Но не отвлекут ли наставника русского языка такие связные беседы о наглядных предметах от его главных занятий. Конечно, отвлекут, если наставник не понимает, в чем состоит его дело, или не хочет выполнять его. Такой наставник легко может превратиться из плохого преподавателя отечественного языка в еще более плохого преподавателя естественных наук или даже в проповедника каких-нибудь модных миросозерцаний, который, за неимением терпеливых слушателей между взрослыми, понесет свою незрелую философию десятилетним детям, не понимая и сам, каким страшным деспотом он является и как бессовестно нарушает права детской личности. Он бы завопил, конечно, если бы увидал, что взрослый мужлан уродует ребенка, пользуясь избытком своих физических сил, а сам поступает гораздо хуже, останавливая нормальное и свободное развитие детей и злоупотреблением своей умственной силы мешая им самим выработать самостоятельное миросозерцание из науки и прямых наблюдений над жизнью природы, души и общества.

Но такой увлекающийся преподаватель отечественного языка может точно так же увлечься всякой беседой, каково бы ни было ее содержание. Разве каждая басня Крылова не дает еще гораздо более прямого повода к постройкам нравственных систем, философских миросозерцаний и социальных утопий? Разве нельзя по поводу каких-нибудь овец, гусей, свиней Крылова уйти очень далеко и уже не в описании одних овечьих пород овцы четвероногой? Разве оракулы, дервиши, жрецы, юпитеры басен и даже латинских классиков не ведут гораздо прямее к проповедям самого опасного свойства, чем описание картофеля или репы? Чем выше сюжет беседы, тем опаснее одностороннее увлечение преподавателя и если бы мы не доверяли преподавателю и в то же время поставлены были в несчастную необходимость позволять ему беседовать с нашими детьми, то менее всего допустили бы его избрать сюжетом для этих бесед евангелие.

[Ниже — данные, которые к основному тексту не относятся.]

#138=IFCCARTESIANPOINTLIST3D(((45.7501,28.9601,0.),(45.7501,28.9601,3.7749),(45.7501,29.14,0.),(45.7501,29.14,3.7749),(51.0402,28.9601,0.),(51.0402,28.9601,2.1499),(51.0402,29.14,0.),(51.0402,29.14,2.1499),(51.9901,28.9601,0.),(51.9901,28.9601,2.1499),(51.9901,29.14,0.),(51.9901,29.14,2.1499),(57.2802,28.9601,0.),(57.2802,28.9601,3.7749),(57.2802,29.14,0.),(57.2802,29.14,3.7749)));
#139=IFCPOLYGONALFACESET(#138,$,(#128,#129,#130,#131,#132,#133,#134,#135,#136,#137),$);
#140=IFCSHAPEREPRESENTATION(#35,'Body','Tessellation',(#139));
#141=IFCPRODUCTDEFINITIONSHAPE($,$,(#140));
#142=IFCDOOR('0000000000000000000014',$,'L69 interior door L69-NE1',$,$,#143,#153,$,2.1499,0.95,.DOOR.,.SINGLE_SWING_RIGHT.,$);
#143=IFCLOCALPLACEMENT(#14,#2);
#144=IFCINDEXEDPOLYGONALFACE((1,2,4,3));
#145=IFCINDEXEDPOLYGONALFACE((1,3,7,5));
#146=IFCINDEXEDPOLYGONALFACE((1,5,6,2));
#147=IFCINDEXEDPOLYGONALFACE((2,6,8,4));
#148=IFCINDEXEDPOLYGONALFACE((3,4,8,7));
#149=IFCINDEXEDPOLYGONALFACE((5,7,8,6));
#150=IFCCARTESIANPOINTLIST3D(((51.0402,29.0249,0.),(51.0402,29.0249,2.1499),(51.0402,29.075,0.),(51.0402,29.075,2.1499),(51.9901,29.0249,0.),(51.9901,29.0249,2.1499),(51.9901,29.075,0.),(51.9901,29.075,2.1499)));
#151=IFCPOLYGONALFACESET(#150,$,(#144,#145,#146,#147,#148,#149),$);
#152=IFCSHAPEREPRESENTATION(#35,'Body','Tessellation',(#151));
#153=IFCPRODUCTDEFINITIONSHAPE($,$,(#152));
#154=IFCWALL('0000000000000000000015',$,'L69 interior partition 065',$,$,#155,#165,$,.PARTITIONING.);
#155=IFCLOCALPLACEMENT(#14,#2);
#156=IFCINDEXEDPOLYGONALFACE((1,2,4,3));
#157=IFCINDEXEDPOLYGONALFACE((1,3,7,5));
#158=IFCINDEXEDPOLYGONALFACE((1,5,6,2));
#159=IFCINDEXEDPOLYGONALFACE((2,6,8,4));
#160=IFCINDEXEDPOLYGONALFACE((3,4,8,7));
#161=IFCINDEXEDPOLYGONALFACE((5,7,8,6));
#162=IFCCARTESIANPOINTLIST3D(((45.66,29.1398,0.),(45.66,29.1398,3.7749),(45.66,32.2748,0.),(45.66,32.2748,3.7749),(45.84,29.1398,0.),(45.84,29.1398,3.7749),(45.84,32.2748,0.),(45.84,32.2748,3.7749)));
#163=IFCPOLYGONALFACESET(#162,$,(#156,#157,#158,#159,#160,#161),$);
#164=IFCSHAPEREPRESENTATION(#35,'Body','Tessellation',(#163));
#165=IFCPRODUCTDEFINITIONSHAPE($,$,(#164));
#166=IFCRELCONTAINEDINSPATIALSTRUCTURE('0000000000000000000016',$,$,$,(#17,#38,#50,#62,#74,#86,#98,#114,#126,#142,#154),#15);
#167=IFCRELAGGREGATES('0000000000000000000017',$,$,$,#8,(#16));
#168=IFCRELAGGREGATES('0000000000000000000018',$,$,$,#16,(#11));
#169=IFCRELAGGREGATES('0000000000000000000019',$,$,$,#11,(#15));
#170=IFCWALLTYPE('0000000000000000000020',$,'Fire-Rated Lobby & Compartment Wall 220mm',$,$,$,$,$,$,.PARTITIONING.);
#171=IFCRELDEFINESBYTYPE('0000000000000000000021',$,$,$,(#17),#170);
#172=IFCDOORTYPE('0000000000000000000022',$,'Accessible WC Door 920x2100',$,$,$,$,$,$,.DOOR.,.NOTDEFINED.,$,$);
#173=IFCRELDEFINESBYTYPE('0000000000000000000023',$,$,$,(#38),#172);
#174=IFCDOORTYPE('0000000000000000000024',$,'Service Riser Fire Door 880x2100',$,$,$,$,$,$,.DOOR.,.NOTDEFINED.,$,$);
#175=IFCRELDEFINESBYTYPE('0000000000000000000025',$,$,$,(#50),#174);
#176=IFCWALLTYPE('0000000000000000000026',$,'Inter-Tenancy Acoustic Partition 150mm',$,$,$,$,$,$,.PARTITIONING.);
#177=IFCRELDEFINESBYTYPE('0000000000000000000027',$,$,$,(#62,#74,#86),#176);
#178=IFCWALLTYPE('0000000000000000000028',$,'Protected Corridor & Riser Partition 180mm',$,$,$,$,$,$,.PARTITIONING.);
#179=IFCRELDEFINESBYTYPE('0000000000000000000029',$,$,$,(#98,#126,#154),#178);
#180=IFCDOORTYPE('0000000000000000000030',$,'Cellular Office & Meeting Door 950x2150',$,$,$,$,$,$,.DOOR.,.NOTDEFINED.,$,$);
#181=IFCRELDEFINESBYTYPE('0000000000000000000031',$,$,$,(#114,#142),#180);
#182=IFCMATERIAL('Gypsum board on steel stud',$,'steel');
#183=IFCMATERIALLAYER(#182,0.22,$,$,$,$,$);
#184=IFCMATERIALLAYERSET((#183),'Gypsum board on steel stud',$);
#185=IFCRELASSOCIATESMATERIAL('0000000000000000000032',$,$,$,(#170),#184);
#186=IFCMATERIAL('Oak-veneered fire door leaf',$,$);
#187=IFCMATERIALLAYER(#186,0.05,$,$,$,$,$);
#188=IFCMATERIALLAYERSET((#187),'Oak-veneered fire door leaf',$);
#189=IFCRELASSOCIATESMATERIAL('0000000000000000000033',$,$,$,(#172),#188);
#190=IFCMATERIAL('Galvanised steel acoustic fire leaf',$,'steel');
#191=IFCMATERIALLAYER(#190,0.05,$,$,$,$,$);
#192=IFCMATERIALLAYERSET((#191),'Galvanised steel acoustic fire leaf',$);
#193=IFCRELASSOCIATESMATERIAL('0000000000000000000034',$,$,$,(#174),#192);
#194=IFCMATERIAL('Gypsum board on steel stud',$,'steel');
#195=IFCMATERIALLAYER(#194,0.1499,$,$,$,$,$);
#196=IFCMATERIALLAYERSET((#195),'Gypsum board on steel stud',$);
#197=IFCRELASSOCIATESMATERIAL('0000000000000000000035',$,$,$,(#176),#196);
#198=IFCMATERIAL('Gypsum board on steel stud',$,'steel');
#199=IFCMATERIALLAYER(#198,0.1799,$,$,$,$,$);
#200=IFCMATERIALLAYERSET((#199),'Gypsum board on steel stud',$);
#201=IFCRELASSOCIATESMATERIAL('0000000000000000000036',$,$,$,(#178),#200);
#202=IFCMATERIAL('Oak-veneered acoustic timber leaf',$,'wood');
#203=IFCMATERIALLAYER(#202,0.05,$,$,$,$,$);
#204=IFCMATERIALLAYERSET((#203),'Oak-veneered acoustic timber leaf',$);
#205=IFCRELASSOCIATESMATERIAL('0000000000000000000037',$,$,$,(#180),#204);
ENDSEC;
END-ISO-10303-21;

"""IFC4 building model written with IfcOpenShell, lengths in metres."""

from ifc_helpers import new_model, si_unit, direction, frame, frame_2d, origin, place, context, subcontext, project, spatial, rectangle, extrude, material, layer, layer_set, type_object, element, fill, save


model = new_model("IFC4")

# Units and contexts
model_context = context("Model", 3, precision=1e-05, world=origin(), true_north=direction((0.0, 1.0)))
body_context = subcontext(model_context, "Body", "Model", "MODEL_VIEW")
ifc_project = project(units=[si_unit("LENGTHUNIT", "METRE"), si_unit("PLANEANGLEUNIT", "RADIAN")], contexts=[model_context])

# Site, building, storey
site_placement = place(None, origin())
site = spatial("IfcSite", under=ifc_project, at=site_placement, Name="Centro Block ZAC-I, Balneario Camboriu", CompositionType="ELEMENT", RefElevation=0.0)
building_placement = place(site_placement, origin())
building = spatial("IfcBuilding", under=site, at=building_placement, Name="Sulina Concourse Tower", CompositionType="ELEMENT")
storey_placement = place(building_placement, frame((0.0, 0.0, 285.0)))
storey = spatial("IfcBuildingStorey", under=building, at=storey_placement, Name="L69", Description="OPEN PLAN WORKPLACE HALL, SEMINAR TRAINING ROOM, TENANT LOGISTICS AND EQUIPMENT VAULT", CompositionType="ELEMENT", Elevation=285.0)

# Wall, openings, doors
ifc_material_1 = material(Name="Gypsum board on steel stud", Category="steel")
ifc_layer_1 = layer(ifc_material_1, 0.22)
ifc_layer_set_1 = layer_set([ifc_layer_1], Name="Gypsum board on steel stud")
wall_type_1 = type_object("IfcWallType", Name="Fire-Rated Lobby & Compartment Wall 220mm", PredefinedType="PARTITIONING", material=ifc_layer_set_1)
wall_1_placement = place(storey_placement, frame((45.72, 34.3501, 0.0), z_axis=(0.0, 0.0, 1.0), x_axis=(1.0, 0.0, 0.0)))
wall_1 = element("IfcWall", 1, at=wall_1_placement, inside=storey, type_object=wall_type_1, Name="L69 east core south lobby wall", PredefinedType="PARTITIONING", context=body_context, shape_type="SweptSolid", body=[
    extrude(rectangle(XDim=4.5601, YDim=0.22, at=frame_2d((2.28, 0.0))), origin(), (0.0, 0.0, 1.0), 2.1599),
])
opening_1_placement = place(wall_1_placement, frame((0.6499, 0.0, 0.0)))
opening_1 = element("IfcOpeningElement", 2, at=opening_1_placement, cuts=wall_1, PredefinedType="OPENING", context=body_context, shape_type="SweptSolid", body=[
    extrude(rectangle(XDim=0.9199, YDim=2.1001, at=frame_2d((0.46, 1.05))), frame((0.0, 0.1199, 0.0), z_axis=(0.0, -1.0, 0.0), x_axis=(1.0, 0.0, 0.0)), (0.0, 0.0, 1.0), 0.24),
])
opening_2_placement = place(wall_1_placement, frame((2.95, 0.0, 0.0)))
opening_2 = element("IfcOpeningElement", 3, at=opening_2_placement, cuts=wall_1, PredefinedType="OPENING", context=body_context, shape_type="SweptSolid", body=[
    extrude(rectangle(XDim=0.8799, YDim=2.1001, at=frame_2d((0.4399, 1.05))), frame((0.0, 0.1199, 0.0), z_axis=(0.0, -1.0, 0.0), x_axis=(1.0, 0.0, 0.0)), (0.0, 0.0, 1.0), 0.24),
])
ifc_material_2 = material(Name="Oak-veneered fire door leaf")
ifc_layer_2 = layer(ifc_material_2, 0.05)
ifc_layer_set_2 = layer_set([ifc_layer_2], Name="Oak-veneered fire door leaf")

Кроме того, беседы, содержание которых взято из мира нравственности, религии, истории, общественной жизни, уже сами по себе, одной своей трудностью, необходимо отвлекают преподавателя русского языка от его главного дела гораздо более, чем беседы о какой-нибудь лошади, сосне и тому подобных предметах, которые уже знакомы ребенку и по своей наглядности гораздо доступнее его пониманию. В этих беседах почти не требуется никаких объяснений: все ясно само собой, и наставник может прямо идти к главной своей цели, – к постройке из этих простых наблюдений столь же простых логических суждений и к выражению этих суждений, изустно и на письме, в речи столь же простой, немногосложной, не отягченной ненужными украшениями, но ясной и верной своему простому содержанию и правильной грамматически. Этого удобства в такой же степени не дает преподавателю ни беседа историческая, ни беседа о каком-нибудь литературном произведении, содержанием которого является нравственный мир человека или его общественный быт – явления слишком сложные и отвлеченные, чтобы десятилетний мальчик мог наблюдать их, судить их и сказать о них что-нибудь иначе, как повторив более или менее бессмысленно слова книги или учителя, что, конечно, не даст детям самостоятельных упражнений ни в логике, ни в языке.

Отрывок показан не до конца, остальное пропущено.